Milk and dairy products 15% in three portions a day e.g. 30g cheese, 200ml milk,150g yoghurt

Protein (meat, fish, eggs or beans, nuts, lentils for vegetarians) 12%

With 8% left for treats high in fat or sugar.

And a calorie counter from a healthy living magazine.

Instruct students to read the information and work through the following questions.

How many calories a day does a healthy child, teenager, man and woman need?
Look up the number of calories in one small cabbage, a turnip or beetroot, one potato and 250g of sugar. Assuming a month of thirty days, how many calories was a Jewish person likely to be consuming before Jewish people were confined to the ghetto?

Now think about life inside the ghetto and read Eliezer’s words.

Look up the number of calories there are in one standard size loaf of bread.

Calculate the number of calories in half a loaf.

Calculate how many calories there would be in each portion once Dad divided it.

How many calories did Eliezer receive?

The number of calories in soup from a ghetto soup kitchen was 110

Today dieticians and medical experts recommend that a healthy adult males needs 2,500 calories a day, a woman 2,000 and a child aged between 5 and 10 1,800.

If a person in the ghetto only received rations of bread and soup calculate the number of calories missing from their daily diet.

Now think for a moment about how we use food today. First think about treats, food we eat but perhaps don’t really need. Look at a selection of convenience food packages and/or an ice cream or chocolate bar treat wrapper. How many calories do these items contain? How do these compare with the number of calories eaten in the ghetto?

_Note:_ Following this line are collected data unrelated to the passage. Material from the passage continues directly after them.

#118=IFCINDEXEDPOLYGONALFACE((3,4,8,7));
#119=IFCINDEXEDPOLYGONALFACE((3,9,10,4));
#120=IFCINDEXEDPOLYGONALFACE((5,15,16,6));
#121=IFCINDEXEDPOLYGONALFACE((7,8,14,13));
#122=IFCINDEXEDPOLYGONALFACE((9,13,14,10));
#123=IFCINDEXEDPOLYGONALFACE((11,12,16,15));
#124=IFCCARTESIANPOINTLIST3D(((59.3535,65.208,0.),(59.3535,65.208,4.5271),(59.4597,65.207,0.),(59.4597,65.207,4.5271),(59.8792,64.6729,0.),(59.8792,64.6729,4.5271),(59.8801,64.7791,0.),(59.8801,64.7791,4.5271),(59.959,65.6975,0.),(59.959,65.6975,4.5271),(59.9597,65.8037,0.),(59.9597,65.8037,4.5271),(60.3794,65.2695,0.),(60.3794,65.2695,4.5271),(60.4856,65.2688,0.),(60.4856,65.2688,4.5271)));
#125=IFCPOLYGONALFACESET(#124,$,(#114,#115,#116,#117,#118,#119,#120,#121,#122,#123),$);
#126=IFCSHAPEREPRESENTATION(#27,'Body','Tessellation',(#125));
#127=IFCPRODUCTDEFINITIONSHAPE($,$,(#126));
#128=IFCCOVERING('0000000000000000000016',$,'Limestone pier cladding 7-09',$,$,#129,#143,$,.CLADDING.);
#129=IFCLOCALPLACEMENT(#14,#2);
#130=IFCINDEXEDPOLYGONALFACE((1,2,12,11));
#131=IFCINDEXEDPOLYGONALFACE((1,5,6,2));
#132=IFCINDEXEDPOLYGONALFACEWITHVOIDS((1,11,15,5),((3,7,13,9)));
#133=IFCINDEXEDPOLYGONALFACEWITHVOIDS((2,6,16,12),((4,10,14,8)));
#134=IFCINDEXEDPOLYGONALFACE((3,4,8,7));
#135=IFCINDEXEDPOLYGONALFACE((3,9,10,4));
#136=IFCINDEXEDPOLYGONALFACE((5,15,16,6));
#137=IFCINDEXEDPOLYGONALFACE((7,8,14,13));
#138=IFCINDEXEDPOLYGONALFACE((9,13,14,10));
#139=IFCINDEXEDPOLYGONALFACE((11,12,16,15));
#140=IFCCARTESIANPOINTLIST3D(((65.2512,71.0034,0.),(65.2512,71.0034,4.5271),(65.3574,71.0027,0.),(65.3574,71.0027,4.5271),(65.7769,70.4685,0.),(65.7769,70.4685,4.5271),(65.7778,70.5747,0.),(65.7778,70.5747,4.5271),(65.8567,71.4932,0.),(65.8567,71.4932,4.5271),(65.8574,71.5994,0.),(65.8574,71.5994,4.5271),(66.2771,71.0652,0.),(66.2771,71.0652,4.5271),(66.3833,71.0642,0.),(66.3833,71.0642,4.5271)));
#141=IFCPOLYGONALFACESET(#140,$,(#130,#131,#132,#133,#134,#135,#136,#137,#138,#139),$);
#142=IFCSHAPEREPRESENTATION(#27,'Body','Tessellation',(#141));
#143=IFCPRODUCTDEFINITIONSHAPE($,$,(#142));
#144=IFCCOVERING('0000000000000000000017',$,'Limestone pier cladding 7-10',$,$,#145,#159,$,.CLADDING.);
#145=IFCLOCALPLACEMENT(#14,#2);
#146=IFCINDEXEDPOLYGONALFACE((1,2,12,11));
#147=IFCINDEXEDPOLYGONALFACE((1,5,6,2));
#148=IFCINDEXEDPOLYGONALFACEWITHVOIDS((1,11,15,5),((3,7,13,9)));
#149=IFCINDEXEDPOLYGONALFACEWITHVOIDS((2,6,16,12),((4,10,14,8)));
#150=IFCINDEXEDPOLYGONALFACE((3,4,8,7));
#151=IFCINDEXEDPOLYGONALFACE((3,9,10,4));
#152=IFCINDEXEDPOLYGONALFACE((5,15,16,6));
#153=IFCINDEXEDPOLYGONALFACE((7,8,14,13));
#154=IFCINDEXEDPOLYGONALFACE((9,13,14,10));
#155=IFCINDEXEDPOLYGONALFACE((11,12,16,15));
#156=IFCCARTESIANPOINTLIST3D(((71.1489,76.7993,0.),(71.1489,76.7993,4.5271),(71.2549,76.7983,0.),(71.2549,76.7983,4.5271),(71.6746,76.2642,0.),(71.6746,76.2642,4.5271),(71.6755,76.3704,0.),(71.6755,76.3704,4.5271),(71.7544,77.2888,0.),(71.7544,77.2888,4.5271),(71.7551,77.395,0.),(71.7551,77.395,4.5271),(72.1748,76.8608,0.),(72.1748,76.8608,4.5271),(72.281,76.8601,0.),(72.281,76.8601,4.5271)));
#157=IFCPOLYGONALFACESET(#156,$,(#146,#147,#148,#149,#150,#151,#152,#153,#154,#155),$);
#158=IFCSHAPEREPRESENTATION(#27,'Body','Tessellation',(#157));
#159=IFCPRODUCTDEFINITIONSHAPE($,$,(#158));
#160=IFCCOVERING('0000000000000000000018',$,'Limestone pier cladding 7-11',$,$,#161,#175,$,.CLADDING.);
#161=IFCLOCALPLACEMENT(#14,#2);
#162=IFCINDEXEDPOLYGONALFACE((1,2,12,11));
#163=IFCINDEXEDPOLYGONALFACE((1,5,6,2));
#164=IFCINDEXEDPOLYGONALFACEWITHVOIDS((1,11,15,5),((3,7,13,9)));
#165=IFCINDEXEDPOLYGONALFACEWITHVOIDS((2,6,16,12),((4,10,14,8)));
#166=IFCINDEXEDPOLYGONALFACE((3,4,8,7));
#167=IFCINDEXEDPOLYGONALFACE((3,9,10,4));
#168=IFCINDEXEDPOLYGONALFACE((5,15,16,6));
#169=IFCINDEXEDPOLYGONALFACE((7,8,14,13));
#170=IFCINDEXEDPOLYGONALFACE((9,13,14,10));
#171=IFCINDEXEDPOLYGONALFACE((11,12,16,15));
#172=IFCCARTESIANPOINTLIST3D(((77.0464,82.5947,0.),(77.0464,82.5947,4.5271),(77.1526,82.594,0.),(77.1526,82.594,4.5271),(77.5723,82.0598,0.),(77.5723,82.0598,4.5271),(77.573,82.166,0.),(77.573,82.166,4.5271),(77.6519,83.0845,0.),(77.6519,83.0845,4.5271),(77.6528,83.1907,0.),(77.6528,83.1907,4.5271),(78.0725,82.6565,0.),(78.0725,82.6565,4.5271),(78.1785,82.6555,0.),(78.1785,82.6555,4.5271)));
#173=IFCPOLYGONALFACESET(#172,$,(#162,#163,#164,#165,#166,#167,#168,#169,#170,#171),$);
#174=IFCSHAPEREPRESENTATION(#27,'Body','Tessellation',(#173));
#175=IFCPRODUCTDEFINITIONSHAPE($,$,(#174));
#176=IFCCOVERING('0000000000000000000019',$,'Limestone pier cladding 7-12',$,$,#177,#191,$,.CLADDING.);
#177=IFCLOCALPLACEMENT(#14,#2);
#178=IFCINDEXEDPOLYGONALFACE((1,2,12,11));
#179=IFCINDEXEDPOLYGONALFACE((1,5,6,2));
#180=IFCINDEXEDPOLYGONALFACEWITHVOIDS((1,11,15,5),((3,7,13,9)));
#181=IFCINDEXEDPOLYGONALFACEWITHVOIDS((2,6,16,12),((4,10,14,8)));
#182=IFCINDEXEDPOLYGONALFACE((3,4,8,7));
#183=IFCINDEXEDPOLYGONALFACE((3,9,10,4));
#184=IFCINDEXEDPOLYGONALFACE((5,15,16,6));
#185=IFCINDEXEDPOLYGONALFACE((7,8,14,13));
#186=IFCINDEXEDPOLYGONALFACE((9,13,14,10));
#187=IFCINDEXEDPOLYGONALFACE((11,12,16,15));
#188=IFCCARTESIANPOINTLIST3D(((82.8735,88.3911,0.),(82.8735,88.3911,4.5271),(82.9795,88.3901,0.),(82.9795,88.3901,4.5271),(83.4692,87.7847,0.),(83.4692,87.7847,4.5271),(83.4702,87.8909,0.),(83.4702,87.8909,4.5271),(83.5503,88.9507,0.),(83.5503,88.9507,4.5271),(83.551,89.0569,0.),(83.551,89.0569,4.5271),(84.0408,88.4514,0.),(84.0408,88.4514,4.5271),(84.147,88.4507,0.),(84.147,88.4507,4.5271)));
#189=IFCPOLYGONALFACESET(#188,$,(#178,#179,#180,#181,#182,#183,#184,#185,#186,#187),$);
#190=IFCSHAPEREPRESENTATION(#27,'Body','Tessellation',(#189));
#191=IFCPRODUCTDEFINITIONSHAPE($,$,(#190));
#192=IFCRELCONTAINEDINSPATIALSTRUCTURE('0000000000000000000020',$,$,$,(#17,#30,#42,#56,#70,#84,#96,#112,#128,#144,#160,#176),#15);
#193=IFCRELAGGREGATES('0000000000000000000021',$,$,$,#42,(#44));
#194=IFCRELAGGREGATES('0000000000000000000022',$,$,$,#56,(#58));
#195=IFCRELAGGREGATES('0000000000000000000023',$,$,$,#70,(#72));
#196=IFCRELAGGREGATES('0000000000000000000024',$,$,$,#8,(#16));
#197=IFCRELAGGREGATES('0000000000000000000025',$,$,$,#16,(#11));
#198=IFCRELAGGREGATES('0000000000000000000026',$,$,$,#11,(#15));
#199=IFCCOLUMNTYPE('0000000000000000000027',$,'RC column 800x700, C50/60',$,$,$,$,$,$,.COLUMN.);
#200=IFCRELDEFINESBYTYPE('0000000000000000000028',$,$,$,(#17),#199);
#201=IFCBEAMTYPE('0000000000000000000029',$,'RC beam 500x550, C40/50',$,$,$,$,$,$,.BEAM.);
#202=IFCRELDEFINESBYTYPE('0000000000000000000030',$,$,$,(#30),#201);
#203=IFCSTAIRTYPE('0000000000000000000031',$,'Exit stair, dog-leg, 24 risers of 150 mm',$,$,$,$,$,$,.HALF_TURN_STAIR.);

Next think about people who try to control their calories. Health experts at the Food Standards Agency recommend that someone on a slimming diet, who wants to lose a small but sensible amount of weight a week eat 1,500 calories a day. How does this compare with the ghetto diet? Why did so many people in the ghetto become ill?

Challenge students to remember what they ate yesterday, ask them to work out how many calories the food contained and to say how many more calories they ate than a person on the pre-ghetto rations.

Finally encourage students to present the findings of both tasks to the rest of the class and spend a few moments talking about how hard it would be to survive when a regime chooses systematically to discriminate against a group of people. Conclude by reminding the students that the calculations they have completed help us to understand something of the suffering behind the headline making numbers and that by giving people a new focus they have made a valuable contribution to HMD 2010.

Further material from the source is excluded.